– Думаю все дело в том, что он не слишком общителен.

– А мне кажется более вероятным, что он попросту застенчив, – возразила Хонория.

Харриет, все еще сидевшая у письменного стола, восторженно охнула.

– Мрачный герой. Самый загадочный тип мужчины! Я изображу его в своей пьесе!

– Той, что с единорогом? – поинтересовалась Френсис.

Харриет показала пером на Сару:

– С героиней, которая ни слишком розова, ни слишком зелена.

– Он подстрелил твоего кузена! – рявкнула Сара, круто разворачиваясь лицом к младшей сестре.

– Это было сто лет назад! – протянула Харриет.

– И он наверняка сожалеет, – добавила Френсис.

– Помолчала бы: в твои одиннадцать еще рано судить о характере мужчины, – резко оборвала ее Сара.

Френсис парировала, хитро прищурившись:

– Зато не рано судить о твоем.

Сара перевела взгляд с сестер на Хонорию. Неужели никто не понимает, как он ужасен? Уже забыли, что он едва не уничтожил семью? Он кошмарен. Стоило поговорить с ним две минуты…

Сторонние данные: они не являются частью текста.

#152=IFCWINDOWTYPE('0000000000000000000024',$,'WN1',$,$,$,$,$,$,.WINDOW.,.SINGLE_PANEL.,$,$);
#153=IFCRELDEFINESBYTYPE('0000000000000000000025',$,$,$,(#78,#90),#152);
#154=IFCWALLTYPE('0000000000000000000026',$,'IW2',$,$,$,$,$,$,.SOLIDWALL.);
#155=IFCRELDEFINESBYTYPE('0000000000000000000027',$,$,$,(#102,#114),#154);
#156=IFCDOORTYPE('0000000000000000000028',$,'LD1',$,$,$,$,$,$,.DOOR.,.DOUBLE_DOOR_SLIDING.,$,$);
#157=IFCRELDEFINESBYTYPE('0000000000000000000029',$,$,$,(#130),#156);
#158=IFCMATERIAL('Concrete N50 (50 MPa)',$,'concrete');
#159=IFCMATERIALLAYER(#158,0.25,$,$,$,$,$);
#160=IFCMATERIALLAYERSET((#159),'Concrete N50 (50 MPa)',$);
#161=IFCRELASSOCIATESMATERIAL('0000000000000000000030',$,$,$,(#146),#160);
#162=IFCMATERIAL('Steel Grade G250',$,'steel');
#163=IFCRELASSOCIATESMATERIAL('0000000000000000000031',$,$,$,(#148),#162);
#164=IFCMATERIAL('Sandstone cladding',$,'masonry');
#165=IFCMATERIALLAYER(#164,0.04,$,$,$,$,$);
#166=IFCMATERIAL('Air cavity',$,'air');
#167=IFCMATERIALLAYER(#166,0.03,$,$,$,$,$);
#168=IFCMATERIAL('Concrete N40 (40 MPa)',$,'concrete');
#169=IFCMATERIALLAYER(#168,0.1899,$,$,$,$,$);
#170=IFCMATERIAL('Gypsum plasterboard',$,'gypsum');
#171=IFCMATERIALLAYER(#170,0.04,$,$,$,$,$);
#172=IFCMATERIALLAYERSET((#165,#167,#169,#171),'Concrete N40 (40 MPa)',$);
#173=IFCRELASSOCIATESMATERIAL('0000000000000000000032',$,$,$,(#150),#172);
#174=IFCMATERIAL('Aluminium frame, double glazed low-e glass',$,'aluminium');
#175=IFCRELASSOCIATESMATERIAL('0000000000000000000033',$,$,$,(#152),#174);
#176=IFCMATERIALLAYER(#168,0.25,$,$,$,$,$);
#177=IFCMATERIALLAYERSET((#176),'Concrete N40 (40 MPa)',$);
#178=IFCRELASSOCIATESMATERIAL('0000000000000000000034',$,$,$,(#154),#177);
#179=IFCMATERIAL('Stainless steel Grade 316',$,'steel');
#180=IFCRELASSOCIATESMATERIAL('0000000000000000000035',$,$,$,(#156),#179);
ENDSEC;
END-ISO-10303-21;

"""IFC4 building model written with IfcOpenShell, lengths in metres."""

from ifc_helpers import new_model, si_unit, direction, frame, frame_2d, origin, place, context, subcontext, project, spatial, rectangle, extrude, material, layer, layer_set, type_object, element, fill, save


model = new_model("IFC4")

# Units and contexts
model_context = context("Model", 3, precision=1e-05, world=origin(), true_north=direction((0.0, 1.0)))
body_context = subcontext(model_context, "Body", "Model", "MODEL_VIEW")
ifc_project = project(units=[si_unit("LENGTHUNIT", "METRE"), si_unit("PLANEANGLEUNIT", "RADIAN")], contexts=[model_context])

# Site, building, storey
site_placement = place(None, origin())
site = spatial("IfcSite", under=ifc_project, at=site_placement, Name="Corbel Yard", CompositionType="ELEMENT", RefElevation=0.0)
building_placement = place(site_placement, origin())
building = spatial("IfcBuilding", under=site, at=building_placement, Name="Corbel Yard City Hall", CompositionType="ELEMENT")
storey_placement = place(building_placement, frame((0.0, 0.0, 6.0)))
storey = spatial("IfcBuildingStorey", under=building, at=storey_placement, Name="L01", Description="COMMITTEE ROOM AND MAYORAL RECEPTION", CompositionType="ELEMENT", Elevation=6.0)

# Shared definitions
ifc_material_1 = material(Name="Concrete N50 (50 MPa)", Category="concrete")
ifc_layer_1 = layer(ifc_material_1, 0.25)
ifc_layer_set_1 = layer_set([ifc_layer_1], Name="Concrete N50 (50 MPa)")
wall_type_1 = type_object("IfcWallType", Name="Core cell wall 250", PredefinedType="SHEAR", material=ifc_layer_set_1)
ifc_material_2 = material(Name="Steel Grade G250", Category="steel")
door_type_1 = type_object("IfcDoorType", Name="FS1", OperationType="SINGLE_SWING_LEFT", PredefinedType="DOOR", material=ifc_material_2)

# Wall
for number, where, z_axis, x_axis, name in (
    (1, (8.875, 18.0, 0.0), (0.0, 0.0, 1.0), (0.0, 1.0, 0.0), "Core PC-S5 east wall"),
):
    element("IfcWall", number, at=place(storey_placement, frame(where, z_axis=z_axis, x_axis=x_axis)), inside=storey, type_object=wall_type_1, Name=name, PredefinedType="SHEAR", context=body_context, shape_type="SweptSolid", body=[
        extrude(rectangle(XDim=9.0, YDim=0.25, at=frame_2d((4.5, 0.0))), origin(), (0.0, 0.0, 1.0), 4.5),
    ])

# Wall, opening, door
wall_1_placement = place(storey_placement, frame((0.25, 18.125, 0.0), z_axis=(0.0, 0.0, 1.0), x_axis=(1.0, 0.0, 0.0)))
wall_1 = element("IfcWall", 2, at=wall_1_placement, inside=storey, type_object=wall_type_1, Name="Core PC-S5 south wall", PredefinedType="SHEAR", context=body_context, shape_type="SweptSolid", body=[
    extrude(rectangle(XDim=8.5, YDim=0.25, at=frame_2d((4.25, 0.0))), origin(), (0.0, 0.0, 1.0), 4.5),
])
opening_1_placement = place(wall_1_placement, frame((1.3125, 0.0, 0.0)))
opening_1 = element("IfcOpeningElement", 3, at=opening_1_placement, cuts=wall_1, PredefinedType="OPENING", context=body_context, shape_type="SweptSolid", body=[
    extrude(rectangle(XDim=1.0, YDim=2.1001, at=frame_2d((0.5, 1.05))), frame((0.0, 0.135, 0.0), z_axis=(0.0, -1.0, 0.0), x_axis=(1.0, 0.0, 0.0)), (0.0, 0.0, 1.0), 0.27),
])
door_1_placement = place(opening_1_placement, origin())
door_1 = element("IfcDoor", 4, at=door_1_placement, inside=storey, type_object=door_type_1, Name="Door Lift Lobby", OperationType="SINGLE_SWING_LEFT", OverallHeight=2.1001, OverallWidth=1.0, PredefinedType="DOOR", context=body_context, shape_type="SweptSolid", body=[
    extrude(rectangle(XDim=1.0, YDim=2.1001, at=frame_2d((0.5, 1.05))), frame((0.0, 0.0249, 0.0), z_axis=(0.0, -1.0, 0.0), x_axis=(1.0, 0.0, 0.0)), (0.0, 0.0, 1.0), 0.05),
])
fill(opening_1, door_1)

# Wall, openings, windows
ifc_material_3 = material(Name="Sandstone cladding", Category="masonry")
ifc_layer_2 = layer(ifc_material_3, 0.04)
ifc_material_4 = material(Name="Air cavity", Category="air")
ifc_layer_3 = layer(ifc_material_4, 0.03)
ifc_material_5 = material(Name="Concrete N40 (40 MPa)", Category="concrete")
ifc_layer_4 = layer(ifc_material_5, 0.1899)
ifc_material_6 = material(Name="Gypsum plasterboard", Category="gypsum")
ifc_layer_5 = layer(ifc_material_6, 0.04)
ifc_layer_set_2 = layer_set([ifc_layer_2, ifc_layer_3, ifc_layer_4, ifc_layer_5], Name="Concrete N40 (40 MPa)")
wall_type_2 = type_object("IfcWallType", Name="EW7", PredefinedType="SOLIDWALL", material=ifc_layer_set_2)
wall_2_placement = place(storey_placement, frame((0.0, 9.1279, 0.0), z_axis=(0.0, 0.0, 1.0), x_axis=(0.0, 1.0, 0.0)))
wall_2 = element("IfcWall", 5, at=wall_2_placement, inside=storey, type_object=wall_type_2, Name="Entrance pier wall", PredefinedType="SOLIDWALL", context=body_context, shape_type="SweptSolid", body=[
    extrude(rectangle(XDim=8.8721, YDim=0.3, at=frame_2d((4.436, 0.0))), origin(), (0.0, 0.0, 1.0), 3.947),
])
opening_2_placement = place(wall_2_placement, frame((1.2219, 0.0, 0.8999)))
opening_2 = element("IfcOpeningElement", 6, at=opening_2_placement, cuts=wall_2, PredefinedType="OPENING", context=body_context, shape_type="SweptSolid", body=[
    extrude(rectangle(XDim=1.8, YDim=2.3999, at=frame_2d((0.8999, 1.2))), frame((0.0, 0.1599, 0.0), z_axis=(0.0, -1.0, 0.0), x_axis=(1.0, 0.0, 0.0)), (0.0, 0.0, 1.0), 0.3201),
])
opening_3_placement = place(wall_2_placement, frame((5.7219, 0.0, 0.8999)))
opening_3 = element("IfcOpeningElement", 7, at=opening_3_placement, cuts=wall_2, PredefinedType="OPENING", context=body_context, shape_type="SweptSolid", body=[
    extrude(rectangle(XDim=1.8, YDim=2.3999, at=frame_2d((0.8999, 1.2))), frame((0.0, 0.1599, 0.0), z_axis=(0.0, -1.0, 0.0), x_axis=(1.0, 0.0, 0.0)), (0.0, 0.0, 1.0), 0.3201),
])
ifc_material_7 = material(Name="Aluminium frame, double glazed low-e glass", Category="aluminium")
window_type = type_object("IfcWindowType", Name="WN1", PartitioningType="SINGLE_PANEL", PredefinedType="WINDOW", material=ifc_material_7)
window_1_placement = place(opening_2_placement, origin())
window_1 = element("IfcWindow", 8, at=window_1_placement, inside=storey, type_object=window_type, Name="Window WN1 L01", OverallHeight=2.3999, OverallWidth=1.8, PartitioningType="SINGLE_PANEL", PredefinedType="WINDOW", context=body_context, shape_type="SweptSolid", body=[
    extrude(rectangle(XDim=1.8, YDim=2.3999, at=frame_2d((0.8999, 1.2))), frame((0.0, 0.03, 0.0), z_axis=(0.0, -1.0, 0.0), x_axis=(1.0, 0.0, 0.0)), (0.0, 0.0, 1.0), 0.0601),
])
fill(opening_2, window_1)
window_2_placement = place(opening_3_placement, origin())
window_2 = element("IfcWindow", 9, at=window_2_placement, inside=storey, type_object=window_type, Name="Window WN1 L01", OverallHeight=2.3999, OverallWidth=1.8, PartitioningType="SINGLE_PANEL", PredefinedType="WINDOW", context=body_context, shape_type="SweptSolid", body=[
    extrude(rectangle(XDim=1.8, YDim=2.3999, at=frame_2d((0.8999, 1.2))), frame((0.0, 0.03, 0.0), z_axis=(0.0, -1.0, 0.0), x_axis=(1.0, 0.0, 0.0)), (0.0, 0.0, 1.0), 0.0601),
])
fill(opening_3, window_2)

– Он часто чувствует себя не в своей тарелке в людных местах, – признала Хонория, бесцеремонно вторгаясь в полные негодования мысли Сары. – Стало быть, надо сделать все, чтобы он чувствовал себя здесь как дома. Я… – Оглядев комнату, девушек, наблюдавших за ней с нескрываемым интересом, она осеклась было, но потом сказала: – Прошу меня простить.

Подхватив под руку, Хонория вывела Сару из гостиной и потащила по коридору в другую комнату.

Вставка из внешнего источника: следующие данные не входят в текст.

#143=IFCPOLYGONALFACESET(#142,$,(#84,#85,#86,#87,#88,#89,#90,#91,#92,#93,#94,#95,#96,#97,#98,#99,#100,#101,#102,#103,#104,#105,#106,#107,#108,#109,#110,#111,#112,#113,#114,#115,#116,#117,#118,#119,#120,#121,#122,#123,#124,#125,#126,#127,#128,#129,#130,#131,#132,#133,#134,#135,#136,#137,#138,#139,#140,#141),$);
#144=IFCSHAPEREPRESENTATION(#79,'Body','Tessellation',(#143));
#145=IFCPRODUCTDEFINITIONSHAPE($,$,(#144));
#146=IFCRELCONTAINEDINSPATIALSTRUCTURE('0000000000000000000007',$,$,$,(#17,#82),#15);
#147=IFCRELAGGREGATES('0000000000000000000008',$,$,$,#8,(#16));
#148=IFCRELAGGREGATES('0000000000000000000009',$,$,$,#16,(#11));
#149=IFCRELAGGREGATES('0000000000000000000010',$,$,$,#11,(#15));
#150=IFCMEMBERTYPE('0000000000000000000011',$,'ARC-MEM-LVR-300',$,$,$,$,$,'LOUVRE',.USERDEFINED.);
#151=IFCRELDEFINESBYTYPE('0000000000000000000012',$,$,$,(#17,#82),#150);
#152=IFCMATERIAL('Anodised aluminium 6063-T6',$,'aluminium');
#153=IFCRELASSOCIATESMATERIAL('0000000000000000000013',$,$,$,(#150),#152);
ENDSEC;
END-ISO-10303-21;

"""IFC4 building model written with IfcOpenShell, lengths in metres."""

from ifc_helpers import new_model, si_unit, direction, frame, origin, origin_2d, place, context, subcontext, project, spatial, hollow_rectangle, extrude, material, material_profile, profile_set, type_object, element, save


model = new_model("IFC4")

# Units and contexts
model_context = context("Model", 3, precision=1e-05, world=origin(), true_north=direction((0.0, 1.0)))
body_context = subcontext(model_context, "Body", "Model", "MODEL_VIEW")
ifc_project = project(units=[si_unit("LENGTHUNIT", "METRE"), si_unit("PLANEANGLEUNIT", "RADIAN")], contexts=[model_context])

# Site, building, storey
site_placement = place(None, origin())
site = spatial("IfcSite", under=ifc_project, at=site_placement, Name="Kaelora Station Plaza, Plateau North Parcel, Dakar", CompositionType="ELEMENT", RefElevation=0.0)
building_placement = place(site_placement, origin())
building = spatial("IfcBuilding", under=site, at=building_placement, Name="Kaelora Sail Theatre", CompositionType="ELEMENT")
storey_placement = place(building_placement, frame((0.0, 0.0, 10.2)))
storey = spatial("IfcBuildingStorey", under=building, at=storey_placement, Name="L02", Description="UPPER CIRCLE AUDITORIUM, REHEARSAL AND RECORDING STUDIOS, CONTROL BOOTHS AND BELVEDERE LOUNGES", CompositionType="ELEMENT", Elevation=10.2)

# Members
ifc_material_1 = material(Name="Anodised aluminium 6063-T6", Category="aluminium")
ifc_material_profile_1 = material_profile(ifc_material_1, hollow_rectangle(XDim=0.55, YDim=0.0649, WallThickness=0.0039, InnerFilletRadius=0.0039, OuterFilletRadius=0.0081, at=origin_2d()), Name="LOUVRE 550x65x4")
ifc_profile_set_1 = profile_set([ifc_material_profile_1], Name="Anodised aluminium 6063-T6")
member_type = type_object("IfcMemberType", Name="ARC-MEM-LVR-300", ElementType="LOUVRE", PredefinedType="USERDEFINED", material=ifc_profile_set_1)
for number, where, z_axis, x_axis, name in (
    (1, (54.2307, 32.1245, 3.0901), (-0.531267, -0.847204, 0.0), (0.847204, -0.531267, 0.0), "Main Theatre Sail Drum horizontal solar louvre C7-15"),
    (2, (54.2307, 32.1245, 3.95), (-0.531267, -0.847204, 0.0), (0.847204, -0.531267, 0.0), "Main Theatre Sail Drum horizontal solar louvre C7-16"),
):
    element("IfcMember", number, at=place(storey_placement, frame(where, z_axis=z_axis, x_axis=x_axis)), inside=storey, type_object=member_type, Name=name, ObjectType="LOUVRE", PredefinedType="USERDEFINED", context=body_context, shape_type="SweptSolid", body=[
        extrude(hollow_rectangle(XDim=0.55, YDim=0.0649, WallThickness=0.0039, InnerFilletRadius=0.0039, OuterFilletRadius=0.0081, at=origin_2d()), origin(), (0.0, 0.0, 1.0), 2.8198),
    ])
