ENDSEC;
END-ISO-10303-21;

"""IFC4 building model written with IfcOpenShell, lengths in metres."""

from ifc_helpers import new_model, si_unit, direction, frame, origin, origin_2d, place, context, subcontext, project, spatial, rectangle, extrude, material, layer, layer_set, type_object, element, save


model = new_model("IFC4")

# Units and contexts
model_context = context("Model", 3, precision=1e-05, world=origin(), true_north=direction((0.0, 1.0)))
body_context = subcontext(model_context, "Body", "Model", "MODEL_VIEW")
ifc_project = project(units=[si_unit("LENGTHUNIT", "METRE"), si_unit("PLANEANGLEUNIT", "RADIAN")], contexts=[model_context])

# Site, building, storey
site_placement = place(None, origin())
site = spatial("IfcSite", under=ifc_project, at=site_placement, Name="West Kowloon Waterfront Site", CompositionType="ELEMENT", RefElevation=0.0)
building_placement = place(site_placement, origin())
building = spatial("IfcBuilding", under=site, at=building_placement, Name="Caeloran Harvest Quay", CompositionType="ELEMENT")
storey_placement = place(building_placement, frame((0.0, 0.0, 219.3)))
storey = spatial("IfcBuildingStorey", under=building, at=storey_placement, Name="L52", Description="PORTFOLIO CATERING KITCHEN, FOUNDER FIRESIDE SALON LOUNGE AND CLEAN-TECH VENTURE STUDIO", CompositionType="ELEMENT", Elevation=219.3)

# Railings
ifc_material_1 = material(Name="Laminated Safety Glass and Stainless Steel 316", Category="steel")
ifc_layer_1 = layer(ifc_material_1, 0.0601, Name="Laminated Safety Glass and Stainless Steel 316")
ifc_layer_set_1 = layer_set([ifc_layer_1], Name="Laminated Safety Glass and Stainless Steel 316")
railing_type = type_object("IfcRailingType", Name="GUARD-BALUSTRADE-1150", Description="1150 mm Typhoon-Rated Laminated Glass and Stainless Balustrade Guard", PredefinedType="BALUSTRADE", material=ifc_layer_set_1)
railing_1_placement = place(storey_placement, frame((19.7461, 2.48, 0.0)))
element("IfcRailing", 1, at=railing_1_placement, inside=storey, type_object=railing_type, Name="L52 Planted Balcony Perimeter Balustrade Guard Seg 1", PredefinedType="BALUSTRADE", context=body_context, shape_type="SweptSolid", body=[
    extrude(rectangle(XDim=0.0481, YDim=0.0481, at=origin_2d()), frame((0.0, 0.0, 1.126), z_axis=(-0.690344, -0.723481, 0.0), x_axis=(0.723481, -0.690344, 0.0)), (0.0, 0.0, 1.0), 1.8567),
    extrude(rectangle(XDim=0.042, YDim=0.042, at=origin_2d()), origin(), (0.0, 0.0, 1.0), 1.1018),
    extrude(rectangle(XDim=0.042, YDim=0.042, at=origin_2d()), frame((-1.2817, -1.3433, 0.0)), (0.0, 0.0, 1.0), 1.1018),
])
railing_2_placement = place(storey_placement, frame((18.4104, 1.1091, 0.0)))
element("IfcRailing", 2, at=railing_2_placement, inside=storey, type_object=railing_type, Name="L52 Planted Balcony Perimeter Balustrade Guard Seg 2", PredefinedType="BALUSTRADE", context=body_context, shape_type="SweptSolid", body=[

– Я что, должна теперь нянчится с Хью Прентисом? – взорвалась Сара, как только кузина закрыла дверь.

– Конечно, нет! Но я прошу тебя сделать все, чтобы он почувствовал себя желанным гостем, хотя бы сегодня вечером.

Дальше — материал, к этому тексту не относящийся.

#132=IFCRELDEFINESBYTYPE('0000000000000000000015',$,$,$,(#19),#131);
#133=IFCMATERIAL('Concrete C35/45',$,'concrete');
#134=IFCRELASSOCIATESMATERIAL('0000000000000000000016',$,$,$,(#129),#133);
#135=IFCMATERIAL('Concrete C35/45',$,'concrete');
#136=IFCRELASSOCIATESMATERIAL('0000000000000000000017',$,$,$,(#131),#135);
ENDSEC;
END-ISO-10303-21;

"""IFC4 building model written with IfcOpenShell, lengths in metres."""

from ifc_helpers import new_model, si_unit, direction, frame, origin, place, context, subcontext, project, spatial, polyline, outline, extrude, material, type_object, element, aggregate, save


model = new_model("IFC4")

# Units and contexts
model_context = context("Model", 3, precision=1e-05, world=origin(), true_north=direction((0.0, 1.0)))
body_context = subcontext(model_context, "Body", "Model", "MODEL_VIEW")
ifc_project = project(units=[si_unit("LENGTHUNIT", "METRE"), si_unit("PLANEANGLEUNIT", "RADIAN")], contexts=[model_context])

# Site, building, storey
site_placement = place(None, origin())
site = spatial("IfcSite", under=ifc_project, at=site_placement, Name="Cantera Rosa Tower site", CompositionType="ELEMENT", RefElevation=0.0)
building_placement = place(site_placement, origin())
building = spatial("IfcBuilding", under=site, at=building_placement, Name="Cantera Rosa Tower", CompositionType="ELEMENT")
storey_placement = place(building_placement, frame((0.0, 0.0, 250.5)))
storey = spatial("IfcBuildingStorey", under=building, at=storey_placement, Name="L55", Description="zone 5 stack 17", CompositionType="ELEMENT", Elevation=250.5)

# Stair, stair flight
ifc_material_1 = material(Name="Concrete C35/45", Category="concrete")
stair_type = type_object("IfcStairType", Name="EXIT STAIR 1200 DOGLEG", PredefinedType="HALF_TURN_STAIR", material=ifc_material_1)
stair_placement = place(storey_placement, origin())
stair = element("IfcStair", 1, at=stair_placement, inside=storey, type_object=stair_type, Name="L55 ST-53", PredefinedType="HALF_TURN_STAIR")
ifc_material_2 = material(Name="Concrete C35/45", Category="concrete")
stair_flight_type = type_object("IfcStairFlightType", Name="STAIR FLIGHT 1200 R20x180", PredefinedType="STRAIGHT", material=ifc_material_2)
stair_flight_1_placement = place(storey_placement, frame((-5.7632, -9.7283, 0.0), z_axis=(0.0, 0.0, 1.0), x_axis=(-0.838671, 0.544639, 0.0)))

Сара издала стон негодования, а Хонория как ни в чем не бывало продолжила:

– Думаю, он весь вечер простоит в углу, один.

– А может, ему так нравится…

– Но ты любого умеешь разговорить, – настаивала Хонория. – Всегда найдешь что сказать.

– Только не ему.

– Ты ведь даже не знаешь его! Неужели он так ужасен?

– Конечно, мы с ним встречались: вряд ли в Лондоне остался хоть один человек, с кем я не была бы знакома, но он мне кажется таким жалким…

– Я не сказала, что вы не знакомы, я сказала: ты его не знаешь, – поправила Хонория. – Это не одно и то же.

– Если ты решила придираться к пустякам, так и быть, – неохотно пробормотала Сара.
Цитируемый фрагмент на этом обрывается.